Your simple little argument is no different than what LYFT and UBER has tried to use in every single lawsuit and arbitration they have paid out millions for. 

One thing is for sure. Change seldom happens where no one raises issues.


----------



## Demon (Dec 6, 2014)

JustTreatMeFair said:


> Your simple little argument is no different than what LYFT and UBER has tried to use in every single lawsuit and arbitration they have paid out millions for.
> 
> One thing is for sure. Change seldom happens where no one raises issues.


You're saying that you actively want to change ADA so that the disabled can't leave the house and have no right to be out in society? That's the change you're hoping to enact?


----------



## JustTreatMeFair (Nov 28, 2017)

Nope. Not at All. In regards to Rideshare I believe there should be a class of drivers that willingly desire to and are given the bulk of service animal trips in exactly the same manner that Cab Companies and Bus Companies provide their "Reasonable Accomodations"

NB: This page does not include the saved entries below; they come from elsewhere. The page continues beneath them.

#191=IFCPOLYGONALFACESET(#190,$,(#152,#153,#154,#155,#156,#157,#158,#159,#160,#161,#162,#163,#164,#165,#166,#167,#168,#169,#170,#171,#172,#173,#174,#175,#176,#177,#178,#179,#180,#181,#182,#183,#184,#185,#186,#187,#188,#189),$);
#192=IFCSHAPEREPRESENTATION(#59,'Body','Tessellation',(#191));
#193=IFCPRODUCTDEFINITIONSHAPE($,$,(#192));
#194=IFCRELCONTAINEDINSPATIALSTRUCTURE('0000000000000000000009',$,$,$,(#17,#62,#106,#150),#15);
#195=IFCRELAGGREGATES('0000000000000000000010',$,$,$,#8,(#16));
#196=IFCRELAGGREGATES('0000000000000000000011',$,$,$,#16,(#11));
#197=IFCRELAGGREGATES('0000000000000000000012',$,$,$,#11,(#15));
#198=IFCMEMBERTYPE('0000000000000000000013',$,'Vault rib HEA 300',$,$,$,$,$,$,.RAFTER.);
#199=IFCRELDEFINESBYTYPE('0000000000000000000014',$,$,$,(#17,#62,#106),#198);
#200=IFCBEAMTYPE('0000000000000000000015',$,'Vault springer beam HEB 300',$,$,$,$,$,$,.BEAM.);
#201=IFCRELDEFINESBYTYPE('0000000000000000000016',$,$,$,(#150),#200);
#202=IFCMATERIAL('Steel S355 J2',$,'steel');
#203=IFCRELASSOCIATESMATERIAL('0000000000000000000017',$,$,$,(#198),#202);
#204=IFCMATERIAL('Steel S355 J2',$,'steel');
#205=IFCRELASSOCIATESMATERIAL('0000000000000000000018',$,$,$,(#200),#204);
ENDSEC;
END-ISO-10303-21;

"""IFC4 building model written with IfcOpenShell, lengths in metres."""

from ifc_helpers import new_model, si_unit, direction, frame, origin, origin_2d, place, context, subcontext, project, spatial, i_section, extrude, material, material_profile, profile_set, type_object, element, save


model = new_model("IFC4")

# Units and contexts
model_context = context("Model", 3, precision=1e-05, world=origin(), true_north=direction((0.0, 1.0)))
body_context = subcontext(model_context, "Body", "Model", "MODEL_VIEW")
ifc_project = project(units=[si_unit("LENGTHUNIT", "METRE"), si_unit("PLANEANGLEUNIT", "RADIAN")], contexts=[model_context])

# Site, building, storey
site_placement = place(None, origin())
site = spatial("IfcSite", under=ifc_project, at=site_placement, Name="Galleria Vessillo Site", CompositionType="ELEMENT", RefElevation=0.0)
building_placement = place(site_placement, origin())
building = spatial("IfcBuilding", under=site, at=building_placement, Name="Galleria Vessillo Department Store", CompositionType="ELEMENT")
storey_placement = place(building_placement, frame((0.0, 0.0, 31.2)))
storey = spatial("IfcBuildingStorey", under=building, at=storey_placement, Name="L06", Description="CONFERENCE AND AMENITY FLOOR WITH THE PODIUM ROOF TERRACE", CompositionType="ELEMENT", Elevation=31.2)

Lyft should get out of the business of policing drivers compliance if they believe that they have no responsibility themselves.


----------



## Demon (Dec 6, 2014)

JustTreatMeFair said:


> Nope. Not at All. In regards to Rideshare I believe there should be a class of drivers that willingly desire to and are given the bulk of service animal trips in exactly the same manner that Cab Companies and Bus Companies provide their "Reasonable Accomodations"
> 
> Lyft should get out of the business of policing drivers compliance if they believe that they have no responsibility themselves.


That would be a clear violation of peoples' rights. Again, the change you're bringing about is to try to hurt the most vulnerable people in society.


----------



## JustTreatMeFair (Nov 28, 2017)

Demon said:


> That would be a clear violation of peoples' rights. Again, the change you're bringing about is to try to hurt the most vulnerable people in society.


LMAO.

No. It would NOT be a violation for them to wait a few extra minutes for a ride any more than it is a violation of a disabled people's rights to have to wait for a Paratransit vehicle to take them to a bus stop or from a bus stop to their home. Both UBER and LYFT already work on and provide alternative ways to transport some of the disabled.

On a side note, I would be willing to bet that your (and others) constant reference to the disabled as "the most vulnerable people in society" would be found extremely insulting by many with disabilities.


----------



## Demon (Dec 6, 2014)

JustTreatMeFair said:


> LMAO.
> 
> No. It would NOT be a violation for them to wait a few extra minutes for a ride any more than it is a violation of a disabled people's rights to have to wait for a Paratransit vehicle to take them to a bus stop or from a bus stop to their home. Both UBER and LYFT already work on and provide alternative ways to transport some of the disabled.
> 
> On a side note, I would be willing to bet that your (and others) constant reference to the disabled as "the most vulnerable people in society" would be found extremely insulting by many with disabilities.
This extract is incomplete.